For three-dimensional scan data distributed linearly in space, theoretically, there should be two degradation directions (as shown in the figure below): one is along the direction of the line’s displacement, and the other is rotational movement around the line with the distance from the line to the origin as the radius. Since this project mainly focuses on the movement of the vehicle in three-dimensional space on the map, the first type of degradation is more worthy of our attention.
However, in the above-displayed running results, it unexpectedly shows the direction of the second type of degradation.
The analysis reveals that the objective function is defined for point-to-point matching, and given the known correspondences, degradation in the direction depicted in the previous figure does not occur.
Based on the above analysis, for different types of ICP algorithms, adjustments are made to the form of the objective function used to solve the Hessian matrix. Taking SGICP as an example, in the registration_interface interface class, the information matrix terms in the objective function are retained. When calculating the Hessian matrix, these terms are taken into account. This reduces the constraint strength of the residual terms on motion along the lane direction, thereby identifying degradation along the lane direction.
The code modification is as follows, primarily incorporating the calculation of the Hessian matrix with informations_ stored in the interface class, particularly lines 14-17.

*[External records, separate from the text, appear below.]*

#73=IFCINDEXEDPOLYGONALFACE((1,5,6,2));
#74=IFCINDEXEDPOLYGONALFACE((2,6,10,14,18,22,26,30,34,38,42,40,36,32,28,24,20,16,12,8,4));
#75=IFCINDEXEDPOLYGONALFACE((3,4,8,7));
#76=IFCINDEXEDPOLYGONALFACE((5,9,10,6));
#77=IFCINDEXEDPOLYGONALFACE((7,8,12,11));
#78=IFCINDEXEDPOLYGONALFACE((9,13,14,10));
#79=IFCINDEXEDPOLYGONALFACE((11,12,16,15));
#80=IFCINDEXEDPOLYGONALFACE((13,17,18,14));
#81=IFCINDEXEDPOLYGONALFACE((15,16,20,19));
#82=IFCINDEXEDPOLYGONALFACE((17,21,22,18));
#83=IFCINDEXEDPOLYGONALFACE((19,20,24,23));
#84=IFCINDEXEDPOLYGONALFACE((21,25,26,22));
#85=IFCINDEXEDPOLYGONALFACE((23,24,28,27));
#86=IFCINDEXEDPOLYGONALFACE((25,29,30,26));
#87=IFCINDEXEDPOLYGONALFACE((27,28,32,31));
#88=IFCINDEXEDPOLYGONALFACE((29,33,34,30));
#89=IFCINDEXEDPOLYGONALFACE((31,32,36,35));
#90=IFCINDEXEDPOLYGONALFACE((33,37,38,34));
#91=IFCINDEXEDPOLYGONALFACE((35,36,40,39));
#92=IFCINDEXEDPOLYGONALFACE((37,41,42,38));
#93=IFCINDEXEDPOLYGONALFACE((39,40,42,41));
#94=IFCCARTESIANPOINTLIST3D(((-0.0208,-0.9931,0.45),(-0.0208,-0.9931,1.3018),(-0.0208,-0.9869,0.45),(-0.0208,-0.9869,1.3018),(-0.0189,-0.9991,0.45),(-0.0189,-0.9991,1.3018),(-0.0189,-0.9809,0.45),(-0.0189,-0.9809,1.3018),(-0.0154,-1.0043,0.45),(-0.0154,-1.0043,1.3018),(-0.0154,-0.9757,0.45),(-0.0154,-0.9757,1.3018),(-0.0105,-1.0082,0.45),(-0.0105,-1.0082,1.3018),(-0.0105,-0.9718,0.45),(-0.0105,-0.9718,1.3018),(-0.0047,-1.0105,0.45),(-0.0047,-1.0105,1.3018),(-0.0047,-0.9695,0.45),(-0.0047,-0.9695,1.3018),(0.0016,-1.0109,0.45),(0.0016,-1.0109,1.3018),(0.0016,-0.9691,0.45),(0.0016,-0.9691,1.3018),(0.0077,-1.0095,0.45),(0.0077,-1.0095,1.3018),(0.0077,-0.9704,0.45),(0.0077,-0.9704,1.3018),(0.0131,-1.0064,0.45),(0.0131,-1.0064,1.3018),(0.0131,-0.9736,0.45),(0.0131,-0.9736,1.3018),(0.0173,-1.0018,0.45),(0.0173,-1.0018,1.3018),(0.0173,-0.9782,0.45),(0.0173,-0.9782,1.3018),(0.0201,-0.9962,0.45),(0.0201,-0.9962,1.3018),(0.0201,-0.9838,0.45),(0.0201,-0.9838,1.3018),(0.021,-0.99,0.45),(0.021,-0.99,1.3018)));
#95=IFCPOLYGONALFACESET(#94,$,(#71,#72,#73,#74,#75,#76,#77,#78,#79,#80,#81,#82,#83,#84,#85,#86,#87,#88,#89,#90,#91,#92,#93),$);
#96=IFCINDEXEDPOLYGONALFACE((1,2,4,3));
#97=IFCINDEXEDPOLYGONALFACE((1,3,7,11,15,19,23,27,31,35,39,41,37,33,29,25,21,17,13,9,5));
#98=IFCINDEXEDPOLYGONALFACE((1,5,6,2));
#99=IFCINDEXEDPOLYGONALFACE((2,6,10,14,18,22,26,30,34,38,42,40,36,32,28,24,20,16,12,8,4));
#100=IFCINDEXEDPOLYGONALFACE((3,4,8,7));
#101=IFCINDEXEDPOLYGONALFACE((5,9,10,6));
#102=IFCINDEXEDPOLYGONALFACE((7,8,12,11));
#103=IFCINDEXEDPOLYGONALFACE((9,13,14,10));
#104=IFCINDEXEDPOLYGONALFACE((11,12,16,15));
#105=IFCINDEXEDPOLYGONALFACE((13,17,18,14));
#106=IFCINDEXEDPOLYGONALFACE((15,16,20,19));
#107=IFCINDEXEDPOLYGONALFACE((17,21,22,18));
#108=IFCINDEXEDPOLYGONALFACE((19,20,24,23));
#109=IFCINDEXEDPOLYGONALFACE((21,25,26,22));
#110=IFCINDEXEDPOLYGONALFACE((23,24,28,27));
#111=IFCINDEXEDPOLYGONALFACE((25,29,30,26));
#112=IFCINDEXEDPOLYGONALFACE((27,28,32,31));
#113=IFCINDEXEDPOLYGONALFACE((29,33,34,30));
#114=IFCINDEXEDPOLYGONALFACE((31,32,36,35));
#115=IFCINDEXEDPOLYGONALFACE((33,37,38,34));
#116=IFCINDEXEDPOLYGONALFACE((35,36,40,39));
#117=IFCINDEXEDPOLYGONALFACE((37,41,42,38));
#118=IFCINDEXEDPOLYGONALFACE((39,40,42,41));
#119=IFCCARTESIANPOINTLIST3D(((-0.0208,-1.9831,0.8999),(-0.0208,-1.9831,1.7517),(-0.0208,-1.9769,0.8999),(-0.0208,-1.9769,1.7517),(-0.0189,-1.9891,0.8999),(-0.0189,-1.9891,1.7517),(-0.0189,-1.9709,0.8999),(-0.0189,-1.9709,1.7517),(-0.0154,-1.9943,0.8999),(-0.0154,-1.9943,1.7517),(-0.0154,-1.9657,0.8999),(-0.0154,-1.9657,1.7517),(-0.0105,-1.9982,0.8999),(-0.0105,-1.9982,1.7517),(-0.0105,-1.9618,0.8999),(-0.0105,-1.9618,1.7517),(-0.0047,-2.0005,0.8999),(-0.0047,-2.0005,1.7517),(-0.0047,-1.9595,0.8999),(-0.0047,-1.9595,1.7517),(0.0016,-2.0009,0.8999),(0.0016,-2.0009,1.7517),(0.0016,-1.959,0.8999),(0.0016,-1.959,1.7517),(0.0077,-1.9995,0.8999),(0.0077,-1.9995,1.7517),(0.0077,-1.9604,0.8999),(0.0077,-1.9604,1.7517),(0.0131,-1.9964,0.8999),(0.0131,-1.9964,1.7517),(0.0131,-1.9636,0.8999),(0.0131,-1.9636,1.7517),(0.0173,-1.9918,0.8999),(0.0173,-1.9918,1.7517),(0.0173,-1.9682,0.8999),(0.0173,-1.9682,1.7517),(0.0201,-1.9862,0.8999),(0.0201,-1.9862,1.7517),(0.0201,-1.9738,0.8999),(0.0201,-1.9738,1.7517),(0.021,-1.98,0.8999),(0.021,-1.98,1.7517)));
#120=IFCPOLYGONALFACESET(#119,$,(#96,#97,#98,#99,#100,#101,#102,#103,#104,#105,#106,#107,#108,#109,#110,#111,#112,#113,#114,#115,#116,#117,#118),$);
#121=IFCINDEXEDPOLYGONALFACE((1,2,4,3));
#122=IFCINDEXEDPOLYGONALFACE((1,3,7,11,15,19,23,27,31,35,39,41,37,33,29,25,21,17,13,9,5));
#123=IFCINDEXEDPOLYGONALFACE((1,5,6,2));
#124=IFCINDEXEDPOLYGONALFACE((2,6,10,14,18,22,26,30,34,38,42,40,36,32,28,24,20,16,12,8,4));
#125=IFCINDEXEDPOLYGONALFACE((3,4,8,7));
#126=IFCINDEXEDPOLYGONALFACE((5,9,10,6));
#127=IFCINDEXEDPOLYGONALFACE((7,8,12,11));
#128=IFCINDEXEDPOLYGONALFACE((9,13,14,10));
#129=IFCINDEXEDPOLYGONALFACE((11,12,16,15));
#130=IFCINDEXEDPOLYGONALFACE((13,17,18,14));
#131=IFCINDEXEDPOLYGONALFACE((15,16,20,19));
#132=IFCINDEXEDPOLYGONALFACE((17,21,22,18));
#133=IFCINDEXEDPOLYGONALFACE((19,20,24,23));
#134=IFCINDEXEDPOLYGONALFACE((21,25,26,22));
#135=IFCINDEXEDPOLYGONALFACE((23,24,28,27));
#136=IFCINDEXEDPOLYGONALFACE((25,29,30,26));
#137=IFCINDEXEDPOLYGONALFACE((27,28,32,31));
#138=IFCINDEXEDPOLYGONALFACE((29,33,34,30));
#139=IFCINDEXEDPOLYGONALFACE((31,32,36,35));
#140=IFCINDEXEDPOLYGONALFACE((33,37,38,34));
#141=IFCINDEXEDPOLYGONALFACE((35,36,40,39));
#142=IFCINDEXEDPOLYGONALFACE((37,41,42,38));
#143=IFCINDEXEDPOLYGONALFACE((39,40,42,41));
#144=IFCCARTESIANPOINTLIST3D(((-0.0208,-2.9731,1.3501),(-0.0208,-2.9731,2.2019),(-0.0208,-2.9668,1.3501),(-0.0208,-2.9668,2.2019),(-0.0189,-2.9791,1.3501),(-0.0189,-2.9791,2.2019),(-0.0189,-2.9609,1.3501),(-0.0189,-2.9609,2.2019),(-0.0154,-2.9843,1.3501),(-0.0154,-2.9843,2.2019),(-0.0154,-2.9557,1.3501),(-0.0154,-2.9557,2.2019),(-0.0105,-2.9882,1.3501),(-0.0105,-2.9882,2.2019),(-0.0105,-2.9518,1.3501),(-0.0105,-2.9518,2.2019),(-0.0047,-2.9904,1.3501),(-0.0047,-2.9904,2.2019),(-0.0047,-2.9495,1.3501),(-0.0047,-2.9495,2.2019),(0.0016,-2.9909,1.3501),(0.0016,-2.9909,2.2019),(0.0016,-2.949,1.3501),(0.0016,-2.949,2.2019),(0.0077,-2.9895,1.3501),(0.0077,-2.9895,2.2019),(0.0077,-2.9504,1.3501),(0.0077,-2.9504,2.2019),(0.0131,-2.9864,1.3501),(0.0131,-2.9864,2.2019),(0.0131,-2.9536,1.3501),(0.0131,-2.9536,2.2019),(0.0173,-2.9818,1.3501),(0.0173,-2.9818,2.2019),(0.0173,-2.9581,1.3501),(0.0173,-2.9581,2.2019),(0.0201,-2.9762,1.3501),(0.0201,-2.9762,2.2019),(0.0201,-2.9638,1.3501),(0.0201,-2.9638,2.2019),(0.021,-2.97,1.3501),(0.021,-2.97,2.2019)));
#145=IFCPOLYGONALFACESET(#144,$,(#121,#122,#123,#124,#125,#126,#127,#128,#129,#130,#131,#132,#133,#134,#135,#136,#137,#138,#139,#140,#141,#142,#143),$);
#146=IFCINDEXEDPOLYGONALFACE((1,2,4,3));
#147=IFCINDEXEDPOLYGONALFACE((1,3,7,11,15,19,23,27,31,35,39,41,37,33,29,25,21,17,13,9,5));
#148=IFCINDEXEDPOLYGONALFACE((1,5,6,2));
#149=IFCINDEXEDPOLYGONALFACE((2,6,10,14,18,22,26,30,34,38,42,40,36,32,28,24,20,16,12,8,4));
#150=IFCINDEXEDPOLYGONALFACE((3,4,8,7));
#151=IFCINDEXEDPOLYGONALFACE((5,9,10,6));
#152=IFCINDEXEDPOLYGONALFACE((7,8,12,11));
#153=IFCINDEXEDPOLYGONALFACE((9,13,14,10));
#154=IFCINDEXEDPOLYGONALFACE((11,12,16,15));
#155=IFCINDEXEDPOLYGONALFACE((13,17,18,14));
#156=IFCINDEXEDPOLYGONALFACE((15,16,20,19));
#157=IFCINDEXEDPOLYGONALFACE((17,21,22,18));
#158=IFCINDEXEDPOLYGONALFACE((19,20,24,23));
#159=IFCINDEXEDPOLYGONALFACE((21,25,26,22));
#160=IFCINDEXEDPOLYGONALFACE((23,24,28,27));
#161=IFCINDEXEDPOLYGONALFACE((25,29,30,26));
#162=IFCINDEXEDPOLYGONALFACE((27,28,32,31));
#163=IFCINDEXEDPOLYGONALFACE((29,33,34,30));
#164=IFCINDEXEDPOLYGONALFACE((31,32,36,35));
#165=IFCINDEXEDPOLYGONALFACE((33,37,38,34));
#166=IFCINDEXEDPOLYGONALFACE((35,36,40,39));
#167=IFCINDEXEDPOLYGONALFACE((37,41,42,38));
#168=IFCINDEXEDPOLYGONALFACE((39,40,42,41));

// models/registration/registration_interface.cpp
Eigen::Matrix<float, 6, 6> RegistrationInterface::GetCovariance()
{
Eigen::Matrix3f R = cloud_pose_.linear();
Eigen::Vector3f phi = Converter::Log(R);
Eigen::Matrix3f J = ComputeJacobianSO3(phi);
Eigen::Matrix<float, 6, 6> hessian;
hessian.setZero();
for (std::size_t i = 0; i < input_source_->size(); i++) {
Eigen::Vector3f p(input_source_->at(i).x, input_source_->at(i).y, input_source_->at(i).z);
Eigen::Matrix3f Rp_skew = Converter::toSkewSym(R * p);
hessian.block<3, 3>(0, 0) += informations_[i];
hessian.block<3, 3>(0, 3) += -informations_[i] * Rp_skew * J;
hessian.block<3, 3>(3, 0) += J.transpose() * Rp_skew * informations_[i];
hessian.block<3, 3>(3, 3) += -J.transpose() * Rp_skew * informations_[i] * Rp_skew * J;
}
hessian /= input_source_->size();
Eigen::SelfAdjointEigenSolver<Eigen::Matrix<float, 6, 6>> es;
es.compute(hessian);
Eigen::Matrix<float, 6, 1> eigenvalues = es.eigenvalues().cwiseAbs();
Eigen::Matrix<float, 6, 6> eigenvectors = es.eigenvectors();
Eigen::Matrix<float, 6, 6> eigenvalues_inv = Eigen::Matrix<float, 6, 6>::Zero();
for (int i = 0; i < 6; i++) {
if (eigenvalues(i) > 1e-7) {
eigenvalues_inv(i, i) = 1.0 / eigenvalues(i);
}
}
Eigen::Matrix<float, 6, 6> hessian_inv = eigenvectors * eigenvalues_inv * eigenvectors.transpose();
Eigen::Matrix<float, 6, 6> cov = hessian_inv * GetFitnessScore();
return cov;
}
// models/registration/sgicp_registration.cpp
// SGICPRegistration::ScanMatch
cloud_pose_ = result_pose;
input_source_.reset(new CloudData::CLOUD());
informations_.resize(0);
for (std::size_t i = 0; i < SEMANTIC_NUMS; i++) {
for (std::size_t j = 0; j < source_indices_group[i].size(); j++) {
std::size_t idx = source_indices_group[i][j];
input_source_->push_back(input_source_group_[i]->at(idx));
informations_.push_back(group_informations_[i][idx]);
}
}
The modified running results are shown below, where two degradation directions can be observed: rotational movement around the lane centerline and translational movement along the lane centerline direction.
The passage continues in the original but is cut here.